Hi Ben

On Tue, Jun 27, 2023 at 9:54 PM Ben Ramsey <b...@benramsey.com> wrote:
>
> > On Jun 27, 2023, at 04:01, Ilija Tovilo <tovilo.il...@gmail.com> wrote:
> >
> > Hi Ben, Hi Rowan
> >
> > On Mon, Jun 26, 2023 at 8:55 PM Ben Ramsey <b...@benramsey.com> wrote:
> >>
> >>> On Jun 20, 2023, at 06:06, Rowan Tommins <rowan.coll...@gmail.com> wrote:
> >>>
> >>> On Tue, 20 Jun 2023 at 10:25, Ilija Tovilo <tovilo.il...@gmail.com> wrote:
> >>>
> >>>> Introduce a new function (currently named populate_post_data()) to
> >>>> read the input stream and populate the $_POST and $_FILES
> >>>> superglobals.
>
> In the past, I’ve used something like the following to solve this:
>
>     parse_str(file_get_contents('php://input'), $data);
>
> I haven’t looked up how any of the frameworks solve this, but I would be 
> willing to bet they also do something similar.
>
> Rather than implementing functionality to populate globals, would you be 
> interested in introducing some new HTTP request functions.
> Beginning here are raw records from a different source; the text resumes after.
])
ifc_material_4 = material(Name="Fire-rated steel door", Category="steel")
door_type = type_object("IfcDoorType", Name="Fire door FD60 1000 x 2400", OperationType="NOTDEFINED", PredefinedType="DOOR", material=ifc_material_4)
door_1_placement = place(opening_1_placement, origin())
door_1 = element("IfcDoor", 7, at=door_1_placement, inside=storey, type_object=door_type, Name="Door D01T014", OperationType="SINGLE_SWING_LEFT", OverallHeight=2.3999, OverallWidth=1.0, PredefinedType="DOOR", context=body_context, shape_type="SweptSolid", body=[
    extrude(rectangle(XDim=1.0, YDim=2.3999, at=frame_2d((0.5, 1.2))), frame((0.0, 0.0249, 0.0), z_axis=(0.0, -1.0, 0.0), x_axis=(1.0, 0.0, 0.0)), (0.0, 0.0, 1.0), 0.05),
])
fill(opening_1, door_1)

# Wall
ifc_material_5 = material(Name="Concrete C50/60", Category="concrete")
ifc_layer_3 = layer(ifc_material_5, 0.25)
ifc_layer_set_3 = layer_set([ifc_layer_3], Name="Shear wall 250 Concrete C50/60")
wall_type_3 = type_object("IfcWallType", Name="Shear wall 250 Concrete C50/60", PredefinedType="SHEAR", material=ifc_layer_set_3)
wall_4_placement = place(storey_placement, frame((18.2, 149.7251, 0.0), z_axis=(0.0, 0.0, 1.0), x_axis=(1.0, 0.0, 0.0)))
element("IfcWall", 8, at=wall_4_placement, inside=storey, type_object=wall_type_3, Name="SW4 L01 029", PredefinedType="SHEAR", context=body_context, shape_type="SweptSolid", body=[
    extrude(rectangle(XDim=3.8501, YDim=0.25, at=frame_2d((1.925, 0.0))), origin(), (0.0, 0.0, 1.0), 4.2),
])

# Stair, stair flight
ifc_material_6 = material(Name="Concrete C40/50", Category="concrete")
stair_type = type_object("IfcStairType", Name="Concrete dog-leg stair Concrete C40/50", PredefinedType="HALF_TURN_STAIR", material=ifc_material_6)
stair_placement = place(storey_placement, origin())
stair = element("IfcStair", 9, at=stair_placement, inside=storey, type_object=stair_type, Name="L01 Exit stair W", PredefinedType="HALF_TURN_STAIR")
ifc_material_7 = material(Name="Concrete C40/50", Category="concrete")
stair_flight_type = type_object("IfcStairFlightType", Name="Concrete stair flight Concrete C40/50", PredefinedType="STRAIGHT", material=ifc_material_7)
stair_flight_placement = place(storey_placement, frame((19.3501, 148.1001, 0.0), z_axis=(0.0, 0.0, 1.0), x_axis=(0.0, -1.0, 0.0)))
Something like:
>
>     http_request_body(): string
>     http_parse_query(string $queryString): array
>
> `http_request_body()` would return the raw body and would be the equivalent 
> of calling `file_get_contents('php://input')`. Of special note is that it 
> should _always_ return the raw body, even if `$_POST` is populated, for the 
> sake of consistency and reducing confusion.
>
> `http_parse_query()` would be the opposite of `http_build_query()` and would 
> return a value instead of requiring a reference parameter, like `parse_str()`.
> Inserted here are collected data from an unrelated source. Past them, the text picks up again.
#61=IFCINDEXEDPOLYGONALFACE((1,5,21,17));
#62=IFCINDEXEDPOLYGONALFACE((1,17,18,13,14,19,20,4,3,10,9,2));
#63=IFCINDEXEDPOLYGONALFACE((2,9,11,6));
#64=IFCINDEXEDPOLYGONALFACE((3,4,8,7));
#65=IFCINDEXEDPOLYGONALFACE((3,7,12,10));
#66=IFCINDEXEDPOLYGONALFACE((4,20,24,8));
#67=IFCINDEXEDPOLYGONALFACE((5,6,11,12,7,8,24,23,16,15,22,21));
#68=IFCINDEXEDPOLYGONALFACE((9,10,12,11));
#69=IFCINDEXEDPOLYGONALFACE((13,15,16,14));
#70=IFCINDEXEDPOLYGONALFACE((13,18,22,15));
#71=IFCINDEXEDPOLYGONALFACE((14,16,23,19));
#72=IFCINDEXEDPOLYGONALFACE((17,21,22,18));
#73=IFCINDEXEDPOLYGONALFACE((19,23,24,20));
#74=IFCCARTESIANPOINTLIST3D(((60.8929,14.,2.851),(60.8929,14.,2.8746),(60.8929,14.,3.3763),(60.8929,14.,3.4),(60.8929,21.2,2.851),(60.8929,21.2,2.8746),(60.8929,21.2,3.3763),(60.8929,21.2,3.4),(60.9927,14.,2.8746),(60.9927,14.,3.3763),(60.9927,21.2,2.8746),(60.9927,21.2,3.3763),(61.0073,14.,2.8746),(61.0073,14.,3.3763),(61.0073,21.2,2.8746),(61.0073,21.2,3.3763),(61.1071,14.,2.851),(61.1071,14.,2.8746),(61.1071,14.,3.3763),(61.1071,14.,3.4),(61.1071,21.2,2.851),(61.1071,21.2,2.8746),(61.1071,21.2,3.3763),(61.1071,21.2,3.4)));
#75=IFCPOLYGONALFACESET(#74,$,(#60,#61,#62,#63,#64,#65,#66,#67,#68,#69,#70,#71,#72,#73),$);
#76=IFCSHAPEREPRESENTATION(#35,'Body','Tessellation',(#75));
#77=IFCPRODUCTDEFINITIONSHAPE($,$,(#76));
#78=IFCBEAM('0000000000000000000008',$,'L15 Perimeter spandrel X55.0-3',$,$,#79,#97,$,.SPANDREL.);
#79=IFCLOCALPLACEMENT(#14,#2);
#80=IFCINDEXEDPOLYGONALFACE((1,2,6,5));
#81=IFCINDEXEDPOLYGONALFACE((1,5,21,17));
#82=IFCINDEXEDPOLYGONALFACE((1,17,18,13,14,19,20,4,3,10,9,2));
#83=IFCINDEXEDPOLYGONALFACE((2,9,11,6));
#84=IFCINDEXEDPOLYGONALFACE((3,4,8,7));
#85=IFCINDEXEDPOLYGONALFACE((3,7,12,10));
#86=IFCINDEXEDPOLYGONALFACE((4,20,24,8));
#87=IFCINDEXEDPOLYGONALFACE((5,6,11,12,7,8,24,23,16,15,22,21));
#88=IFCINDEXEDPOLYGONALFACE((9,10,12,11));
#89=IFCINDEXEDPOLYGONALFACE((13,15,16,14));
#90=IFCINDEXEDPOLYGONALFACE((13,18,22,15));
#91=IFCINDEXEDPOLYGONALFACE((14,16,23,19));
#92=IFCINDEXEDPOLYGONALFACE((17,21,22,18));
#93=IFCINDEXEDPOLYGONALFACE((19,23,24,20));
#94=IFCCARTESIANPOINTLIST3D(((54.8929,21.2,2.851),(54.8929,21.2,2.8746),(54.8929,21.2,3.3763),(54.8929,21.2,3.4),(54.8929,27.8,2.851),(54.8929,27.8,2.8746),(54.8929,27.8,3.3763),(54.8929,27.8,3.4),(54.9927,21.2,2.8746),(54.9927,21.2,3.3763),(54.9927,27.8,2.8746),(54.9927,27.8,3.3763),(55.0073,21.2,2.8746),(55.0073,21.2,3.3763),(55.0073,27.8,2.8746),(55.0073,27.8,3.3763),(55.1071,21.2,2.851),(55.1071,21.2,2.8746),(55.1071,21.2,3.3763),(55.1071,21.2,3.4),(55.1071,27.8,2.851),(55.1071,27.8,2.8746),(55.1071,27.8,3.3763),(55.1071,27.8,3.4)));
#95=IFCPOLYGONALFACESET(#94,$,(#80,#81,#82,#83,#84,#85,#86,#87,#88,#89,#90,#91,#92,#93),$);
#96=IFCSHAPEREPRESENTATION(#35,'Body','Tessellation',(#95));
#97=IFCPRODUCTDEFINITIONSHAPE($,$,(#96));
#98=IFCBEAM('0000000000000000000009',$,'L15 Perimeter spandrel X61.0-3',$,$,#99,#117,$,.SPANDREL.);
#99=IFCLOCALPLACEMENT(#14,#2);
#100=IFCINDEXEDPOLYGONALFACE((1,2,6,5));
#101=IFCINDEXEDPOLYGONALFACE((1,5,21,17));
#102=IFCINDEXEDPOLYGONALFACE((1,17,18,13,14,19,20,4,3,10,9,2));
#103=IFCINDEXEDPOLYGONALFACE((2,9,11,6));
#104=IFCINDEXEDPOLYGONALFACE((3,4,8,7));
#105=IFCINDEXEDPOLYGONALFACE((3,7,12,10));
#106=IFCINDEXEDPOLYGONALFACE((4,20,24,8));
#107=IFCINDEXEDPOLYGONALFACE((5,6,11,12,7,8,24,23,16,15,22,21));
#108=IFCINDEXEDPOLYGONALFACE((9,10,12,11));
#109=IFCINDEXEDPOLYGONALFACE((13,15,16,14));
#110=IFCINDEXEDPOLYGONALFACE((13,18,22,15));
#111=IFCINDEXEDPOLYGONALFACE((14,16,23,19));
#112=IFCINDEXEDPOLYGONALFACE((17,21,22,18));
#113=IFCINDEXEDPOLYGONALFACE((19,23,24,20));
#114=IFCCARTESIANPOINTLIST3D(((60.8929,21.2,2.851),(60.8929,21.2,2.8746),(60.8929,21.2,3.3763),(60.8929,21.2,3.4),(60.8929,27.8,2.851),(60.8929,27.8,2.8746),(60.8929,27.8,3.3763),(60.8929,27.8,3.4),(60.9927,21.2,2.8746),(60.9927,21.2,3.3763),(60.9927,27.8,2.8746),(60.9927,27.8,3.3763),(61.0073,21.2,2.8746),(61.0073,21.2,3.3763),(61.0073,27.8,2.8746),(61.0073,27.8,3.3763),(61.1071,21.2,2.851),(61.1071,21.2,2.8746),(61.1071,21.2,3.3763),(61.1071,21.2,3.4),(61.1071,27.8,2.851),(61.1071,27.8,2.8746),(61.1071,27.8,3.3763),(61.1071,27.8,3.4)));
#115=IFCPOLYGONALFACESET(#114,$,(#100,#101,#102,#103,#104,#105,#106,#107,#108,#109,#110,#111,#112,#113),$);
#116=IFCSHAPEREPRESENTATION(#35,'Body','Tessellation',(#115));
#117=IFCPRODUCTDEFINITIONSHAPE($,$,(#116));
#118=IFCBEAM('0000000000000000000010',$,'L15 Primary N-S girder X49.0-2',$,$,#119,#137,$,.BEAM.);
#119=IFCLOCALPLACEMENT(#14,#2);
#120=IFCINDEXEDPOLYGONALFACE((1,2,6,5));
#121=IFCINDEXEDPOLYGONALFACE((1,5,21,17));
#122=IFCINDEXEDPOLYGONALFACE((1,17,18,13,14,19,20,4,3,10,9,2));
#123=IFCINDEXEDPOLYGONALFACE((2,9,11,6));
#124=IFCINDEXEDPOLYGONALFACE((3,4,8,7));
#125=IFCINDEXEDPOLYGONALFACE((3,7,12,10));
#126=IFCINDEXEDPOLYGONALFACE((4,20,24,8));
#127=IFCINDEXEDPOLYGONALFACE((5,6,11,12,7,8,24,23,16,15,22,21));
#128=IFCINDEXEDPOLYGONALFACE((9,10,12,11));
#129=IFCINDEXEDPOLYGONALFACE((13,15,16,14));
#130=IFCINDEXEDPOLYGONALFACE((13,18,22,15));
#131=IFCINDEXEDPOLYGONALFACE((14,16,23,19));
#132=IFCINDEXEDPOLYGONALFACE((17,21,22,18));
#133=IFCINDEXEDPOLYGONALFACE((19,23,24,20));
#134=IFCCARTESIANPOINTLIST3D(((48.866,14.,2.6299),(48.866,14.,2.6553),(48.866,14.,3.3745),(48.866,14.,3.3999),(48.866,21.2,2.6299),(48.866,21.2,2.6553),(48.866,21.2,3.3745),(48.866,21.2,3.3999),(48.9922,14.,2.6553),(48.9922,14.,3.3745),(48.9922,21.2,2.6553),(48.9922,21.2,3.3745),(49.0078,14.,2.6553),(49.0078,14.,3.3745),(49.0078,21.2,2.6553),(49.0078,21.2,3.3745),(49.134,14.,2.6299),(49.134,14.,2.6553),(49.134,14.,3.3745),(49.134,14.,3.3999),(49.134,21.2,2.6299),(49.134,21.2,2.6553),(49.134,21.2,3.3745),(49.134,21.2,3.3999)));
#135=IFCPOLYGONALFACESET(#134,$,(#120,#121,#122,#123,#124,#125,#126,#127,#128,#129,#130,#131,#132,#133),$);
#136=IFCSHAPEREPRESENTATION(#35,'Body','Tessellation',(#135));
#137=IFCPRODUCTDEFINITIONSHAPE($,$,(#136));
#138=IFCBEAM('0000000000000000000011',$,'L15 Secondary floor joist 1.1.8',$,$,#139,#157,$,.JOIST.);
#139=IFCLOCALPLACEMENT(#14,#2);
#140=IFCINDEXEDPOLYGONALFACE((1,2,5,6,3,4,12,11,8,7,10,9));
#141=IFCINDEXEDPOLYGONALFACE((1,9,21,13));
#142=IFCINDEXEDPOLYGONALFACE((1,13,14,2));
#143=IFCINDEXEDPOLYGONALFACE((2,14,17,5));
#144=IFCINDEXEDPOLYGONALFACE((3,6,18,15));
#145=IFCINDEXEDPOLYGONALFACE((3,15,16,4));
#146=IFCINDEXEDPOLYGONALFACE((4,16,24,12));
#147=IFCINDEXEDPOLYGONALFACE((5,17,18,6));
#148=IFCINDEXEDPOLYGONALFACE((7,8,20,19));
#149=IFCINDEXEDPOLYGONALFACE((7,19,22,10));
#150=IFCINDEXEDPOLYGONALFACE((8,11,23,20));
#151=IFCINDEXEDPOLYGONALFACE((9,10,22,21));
The problem is that the content stream for multipart/form-data is
expected to be big, as in possibly multiple gigabytes big. We can't
use http_request_body() to return the entire content as a string at
once. The current RFC1867 implementation reads and operates in chunks,
i.e. appends it to a file or to a string, depending on the content
part. It never has to hold on to the entire content in memory.
http_request_body() also can't return the content of the request again
after it has been consumed, because that's not how the HTTP protocol
works. We would need to buffer the content somewhere when reading it
for the first time, which again we can't do because it may be very
big.

It may be possible to pass the fopen('php://input', 'r') stream to
this function and let it consume it. However, as mentioned in my
original e-mail this requires some changes to how RFC1867 requests are
handled. Currently, it calls sapi_module.read_post() which directly
reads from the TCP socket. Instead, we'd need to read from the stream,
possibly in addition so that the general case is not degraded in terms
of performance. I'll verify if this is an option, and whether the
changes are (too) big. However, I don't suspect there to be a lot of
use-cases for this as RFC1867 is primarily used for requests and not
for responses, so you wouldn't usually need to parse this type of
content from some other source.

As for returning the parsed values as non-globals, that's entirely
possible. However, it's inconsistent with how requests are currently
handled. The values will need to be passed around manually and kept
alive, but the function still modifies global state (i.e. the input
stream, whether that's sapi_module.read_post() or php://input). I
don't believe it will be common to call this function more than once
per request, and thus decoupling the state is not really necessary.